By David Davala, EA, MAAA.
Sponsoring a hidden retiree medical plan happens more often than you might think. Having even an informal policy of extending active medical coverage to retirees and charging the “full” active premium or supplementing coverage for a period of time are two examples of creating a retiree medical plan and incurring the accompanying liability for benefits promised in the future.
- ABC Company has a fully insured medical plan for their active employees. ABC pays 60% of the premium. The employees pay the rest. The employee handbook has a paragraph that reads, “If you retire from active service after age 60 with 15 years of service, you may remain in the health insurance plan until age 65. You will pay the employer and employee portion of the premium.”
- Ten years ago XYZ Company had an executive retire at age 60. He had been with the company for 17 years. He was allowed to stay on the active medical plan until age 65. He had to pay the employer and employee portion of the premium. An email was sent at the time to all staff stating that this was now available to all employees who retire after age 60 with 15 years of service. The language in the email never made it in the employee handbook but it was a well-known policy.
- MNO Corporation has a collective bargaining agreement with their union that provides $150 per month for medical coverage for anyone who retires before age 65. Coverage ends at age 65, and the participants must purchase the coverage from MNO.
ABC, XYZ, and MNO have retiree medical plans and might need to recognize a liability on their balance sheets and annual expense on their income statements for the promised benefits.
Why is There a Liability?
The question asked for ABC and XYZ is, “The retiree pays the full cost of the premium. It costs the company nothing. Why is there a liability?”
There are two parts to the answer. The first part is in the way the premiums are calculated for the active medical plan. The insurance company calculates the premium rates for the entire population. This includes the retirees. Since these retirees are older, their premium amounts are higher than for younger employees in the plan. Without the retirees in the plan, the total premium would be lower and thus the employer portion would be lower.
Looked at another way, if you could calculate a hypothetical premium rate for just the retiree group, it would be much higher due to their ages. The difference between the hypothetical premium level and the “full” active premium they are being charged for medical coverage is called a “hidden subsidy.”
The second part is from the accounting standard ASC 715-60-05-2 which states, “a post-retirement benefit plan is an arrangement that is mutually understood by an employer and its employees whereby an employer undertakes to provide its current and former employees with benefits after they retire in exchange for the employees’ services over a specific period of time.”
This second part of the above answer also applies to MNO. Their annual cost for the retirees may seem minimal and may be recorded as an annual payroll and benefits cost along with the active medical plan. However, for all three companies, the retirees are not receiving benefits as a part of their compensation while working. The retiree benefits are accrued while working, but are paid after retirement.
This promise of future benefits can trigger a liability that needs to be recognized on the balance sheet and an annual expense that runs through the income statement.
How Does an Employer Know if They Need to Recognize a Liability?

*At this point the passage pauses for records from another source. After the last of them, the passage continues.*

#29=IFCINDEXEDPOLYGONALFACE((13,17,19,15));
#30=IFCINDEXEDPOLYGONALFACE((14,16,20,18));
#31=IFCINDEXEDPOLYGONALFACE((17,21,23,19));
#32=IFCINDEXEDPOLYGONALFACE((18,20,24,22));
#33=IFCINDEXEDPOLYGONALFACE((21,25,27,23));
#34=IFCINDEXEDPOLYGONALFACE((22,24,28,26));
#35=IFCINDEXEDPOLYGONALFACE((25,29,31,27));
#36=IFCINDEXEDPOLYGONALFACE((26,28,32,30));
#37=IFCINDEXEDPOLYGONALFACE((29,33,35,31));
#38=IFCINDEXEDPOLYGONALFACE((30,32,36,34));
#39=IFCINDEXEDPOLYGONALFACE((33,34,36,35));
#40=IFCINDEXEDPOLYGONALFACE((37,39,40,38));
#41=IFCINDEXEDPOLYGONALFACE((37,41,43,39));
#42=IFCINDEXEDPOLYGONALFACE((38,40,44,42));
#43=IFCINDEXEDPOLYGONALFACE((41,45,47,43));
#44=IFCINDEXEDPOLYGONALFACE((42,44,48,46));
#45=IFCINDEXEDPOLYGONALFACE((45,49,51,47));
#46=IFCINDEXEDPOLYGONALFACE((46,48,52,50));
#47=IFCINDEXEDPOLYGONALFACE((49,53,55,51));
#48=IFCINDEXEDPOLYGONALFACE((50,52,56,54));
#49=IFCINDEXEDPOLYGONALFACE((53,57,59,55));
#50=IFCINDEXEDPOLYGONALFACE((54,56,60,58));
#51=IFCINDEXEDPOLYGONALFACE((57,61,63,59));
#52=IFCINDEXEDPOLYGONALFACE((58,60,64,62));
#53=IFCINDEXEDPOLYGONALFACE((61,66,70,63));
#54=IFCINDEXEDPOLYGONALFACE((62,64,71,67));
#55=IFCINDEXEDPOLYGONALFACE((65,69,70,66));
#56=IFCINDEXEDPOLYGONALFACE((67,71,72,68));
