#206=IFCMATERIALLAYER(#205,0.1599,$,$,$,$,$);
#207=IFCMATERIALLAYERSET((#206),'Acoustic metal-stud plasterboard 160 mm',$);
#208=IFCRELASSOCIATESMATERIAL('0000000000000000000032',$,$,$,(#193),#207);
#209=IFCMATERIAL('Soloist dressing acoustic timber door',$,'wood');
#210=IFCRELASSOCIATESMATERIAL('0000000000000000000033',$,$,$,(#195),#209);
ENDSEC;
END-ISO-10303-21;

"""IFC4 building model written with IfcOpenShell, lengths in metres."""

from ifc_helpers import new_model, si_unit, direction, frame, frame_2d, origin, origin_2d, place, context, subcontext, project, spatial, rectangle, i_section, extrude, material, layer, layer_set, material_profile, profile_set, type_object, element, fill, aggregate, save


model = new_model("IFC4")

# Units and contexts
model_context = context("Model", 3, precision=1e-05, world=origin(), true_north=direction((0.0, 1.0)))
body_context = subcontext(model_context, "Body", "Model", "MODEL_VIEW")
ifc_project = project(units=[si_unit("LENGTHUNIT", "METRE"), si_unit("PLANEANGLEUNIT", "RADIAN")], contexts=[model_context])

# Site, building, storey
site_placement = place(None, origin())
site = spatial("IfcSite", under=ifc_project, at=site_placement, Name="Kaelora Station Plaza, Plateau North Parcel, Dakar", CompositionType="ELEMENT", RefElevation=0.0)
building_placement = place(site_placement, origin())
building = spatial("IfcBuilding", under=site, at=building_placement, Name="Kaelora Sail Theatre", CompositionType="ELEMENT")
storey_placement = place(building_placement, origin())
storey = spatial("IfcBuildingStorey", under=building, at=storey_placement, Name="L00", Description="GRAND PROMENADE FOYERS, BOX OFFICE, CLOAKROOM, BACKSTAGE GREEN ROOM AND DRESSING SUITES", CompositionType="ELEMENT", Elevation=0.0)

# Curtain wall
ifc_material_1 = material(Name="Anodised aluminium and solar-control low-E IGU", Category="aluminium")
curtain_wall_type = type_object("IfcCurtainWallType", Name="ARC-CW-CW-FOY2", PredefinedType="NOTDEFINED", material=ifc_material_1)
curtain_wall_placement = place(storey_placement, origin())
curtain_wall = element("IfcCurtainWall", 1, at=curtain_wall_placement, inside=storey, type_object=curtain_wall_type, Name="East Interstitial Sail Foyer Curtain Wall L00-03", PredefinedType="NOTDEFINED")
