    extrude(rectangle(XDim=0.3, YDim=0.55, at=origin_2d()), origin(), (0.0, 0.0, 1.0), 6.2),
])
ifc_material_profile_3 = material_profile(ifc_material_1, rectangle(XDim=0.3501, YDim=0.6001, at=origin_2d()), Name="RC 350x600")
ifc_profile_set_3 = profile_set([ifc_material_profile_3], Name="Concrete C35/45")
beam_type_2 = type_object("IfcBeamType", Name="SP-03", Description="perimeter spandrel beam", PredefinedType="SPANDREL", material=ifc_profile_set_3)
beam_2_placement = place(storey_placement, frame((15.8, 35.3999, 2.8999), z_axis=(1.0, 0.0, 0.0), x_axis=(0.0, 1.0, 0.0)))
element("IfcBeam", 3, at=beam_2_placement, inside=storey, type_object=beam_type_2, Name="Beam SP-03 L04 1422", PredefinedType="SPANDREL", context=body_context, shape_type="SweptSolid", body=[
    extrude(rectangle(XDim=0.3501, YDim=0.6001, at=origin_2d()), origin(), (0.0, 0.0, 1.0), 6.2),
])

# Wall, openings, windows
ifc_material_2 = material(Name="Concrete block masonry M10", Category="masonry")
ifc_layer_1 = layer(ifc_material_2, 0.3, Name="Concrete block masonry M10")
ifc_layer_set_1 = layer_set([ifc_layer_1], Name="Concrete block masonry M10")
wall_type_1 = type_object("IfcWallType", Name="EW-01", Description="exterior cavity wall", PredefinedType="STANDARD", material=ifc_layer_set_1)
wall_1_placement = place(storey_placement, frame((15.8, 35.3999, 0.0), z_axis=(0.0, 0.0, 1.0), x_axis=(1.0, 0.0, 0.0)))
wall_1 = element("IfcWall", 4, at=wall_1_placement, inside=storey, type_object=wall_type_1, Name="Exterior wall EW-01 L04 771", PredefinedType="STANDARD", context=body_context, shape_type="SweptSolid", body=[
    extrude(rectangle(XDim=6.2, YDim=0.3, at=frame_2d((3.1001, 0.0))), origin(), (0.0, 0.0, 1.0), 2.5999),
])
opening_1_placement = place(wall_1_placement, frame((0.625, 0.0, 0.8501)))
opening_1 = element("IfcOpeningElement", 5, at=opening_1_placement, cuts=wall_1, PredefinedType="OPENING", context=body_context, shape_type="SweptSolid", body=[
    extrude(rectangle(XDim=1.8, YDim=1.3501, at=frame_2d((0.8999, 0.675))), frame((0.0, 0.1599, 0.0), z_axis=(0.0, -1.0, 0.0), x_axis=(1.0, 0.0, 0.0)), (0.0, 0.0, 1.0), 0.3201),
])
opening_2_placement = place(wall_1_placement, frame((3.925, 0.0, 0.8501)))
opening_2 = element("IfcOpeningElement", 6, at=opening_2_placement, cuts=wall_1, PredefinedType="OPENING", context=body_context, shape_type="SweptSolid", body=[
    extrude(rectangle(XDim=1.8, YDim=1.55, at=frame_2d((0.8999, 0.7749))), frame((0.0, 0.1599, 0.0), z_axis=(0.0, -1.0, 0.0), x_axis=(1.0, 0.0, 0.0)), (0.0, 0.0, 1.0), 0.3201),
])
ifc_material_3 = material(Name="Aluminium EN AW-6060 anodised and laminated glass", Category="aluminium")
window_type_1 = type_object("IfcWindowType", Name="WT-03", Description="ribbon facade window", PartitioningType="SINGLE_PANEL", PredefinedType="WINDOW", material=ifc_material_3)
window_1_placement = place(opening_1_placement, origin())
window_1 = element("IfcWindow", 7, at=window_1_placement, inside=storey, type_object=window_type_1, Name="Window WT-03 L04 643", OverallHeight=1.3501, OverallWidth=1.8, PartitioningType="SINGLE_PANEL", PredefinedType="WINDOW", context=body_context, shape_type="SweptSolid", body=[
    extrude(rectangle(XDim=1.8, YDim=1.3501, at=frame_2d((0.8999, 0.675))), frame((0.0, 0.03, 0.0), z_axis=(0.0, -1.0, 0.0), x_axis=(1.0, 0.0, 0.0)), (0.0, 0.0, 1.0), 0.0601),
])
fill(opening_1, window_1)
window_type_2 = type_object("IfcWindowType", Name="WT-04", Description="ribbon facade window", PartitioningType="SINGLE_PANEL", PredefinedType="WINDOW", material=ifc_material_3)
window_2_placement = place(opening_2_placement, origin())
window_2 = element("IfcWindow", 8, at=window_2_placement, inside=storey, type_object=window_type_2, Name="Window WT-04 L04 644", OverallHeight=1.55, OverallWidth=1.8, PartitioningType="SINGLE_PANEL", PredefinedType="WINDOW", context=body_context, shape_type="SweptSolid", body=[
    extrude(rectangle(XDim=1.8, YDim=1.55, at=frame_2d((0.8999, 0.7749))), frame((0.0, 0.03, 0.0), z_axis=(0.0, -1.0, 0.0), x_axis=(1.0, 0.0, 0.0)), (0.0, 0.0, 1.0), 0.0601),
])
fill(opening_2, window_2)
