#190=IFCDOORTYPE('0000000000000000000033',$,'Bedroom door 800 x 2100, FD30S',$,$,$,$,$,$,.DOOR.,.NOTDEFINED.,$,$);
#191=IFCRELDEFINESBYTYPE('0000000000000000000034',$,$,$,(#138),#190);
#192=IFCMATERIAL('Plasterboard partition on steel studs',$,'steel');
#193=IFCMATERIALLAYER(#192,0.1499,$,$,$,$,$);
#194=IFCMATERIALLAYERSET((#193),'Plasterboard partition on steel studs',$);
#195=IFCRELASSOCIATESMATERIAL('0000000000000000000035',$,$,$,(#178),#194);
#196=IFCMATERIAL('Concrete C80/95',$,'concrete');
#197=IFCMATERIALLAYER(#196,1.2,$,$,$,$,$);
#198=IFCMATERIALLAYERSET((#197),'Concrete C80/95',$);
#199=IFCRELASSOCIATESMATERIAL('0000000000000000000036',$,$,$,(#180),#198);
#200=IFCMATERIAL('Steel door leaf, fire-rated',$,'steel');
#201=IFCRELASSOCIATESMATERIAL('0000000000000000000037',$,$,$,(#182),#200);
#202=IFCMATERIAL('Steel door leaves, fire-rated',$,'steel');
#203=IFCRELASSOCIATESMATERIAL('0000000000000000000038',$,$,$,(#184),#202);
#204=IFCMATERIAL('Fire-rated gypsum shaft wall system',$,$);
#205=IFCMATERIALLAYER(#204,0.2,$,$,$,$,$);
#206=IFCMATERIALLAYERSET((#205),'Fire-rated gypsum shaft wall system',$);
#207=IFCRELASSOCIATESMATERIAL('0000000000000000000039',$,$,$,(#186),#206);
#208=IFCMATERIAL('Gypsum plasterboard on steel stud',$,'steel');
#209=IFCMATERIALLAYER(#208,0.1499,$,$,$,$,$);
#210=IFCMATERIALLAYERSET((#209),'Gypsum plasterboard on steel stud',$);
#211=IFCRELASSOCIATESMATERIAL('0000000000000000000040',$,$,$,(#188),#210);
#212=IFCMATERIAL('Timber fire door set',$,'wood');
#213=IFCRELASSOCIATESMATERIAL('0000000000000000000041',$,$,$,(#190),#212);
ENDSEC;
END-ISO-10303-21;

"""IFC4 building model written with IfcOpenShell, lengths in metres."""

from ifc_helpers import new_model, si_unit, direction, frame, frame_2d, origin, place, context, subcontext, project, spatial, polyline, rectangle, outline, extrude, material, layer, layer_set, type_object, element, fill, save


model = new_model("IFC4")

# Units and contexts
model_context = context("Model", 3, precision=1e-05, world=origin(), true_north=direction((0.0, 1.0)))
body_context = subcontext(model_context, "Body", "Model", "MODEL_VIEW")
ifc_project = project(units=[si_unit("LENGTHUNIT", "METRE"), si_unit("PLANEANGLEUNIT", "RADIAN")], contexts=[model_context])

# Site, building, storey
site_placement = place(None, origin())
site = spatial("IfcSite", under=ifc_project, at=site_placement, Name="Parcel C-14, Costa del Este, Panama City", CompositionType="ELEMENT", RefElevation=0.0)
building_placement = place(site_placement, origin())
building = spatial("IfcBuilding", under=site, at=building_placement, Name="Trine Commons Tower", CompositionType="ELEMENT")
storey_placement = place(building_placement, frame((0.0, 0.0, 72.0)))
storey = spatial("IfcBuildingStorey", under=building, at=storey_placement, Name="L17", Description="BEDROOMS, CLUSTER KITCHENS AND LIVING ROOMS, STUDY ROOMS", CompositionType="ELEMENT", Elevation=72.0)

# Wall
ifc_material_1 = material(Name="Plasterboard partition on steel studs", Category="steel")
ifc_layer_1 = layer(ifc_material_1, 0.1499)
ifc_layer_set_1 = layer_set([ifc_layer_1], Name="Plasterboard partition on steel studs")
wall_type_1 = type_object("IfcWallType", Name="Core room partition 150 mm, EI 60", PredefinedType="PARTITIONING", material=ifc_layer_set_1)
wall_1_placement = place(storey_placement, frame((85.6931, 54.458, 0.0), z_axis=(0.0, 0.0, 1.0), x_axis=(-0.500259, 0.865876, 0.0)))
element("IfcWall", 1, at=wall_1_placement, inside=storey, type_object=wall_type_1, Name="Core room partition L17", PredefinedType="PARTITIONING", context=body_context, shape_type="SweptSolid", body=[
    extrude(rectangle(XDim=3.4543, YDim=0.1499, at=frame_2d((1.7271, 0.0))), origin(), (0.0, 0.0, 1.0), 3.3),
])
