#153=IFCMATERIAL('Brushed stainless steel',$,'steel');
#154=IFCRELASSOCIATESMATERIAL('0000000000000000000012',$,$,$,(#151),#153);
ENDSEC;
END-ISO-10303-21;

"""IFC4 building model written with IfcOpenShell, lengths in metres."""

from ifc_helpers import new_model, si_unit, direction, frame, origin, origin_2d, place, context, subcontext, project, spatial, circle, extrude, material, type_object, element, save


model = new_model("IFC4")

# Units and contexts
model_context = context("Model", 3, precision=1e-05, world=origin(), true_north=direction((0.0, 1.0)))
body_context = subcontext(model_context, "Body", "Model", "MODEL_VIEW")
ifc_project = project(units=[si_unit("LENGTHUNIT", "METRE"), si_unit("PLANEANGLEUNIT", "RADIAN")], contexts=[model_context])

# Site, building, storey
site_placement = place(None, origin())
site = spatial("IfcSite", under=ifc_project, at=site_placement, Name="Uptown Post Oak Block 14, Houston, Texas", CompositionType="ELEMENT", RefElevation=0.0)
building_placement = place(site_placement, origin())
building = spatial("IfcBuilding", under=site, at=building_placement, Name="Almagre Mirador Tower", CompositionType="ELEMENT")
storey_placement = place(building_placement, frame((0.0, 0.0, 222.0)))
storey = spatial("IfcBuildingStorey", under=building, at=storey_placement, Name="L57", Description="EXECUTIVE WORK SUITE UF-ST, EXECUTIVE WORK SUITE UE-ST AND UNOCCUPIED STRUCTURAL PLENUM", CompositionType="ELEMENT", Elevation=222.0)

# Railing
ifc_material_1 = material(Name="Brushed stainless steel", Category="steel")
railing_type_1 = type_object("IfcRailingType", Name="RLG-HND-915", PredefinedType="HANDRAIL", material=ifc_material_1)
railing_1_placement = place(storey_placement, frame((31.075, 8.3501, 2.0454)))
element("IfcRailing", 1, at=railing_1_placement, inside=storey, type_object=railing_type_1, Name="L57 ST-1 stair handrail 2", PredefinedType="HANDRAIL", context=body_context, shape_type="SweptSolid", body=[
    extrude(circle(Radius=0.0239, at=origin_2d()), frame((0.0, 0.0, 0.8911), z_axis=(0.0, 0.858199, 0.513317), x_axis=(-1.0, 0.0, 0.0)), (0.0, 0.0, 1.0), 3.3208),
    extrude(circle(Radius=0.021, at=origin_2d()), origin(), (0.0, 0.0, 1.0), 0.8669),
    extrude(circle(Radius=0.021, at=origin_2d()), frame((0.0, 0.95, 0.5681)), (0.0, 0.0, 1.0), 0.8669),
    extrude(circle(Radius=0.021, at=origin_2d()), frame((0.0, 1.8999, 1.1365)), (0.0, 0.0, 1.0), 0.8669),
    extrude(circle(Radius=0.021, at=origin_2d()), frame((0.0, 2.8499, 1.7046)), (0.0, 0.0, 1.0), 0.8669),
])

The employer should discuss it with their auditors. Depending on the circumstances, an auditor could consider it de minimus, or may request that an actuary measure the liability before providing an opinion about the impact on the company financials.
If the auditor does not consider it de minimus, in arrangements like ABC’s or XYZ’s, a company could charge the retiree more than the active premium – something more like the above hypothetical premium. (An actuary or healthcare consultant can help you set a hypothetical rate.) This would remove the “hidden subsidy” and reduce the costs to de minimus level. Additionally, the increased cost of coverage may cause retirees to look elsewhere for more affordable coverage.
Alternatively, if the employer wants to keep an arrangement that is not de minimus, then it will need to engage an actuary to perform annual valuations for financial reporting purposes.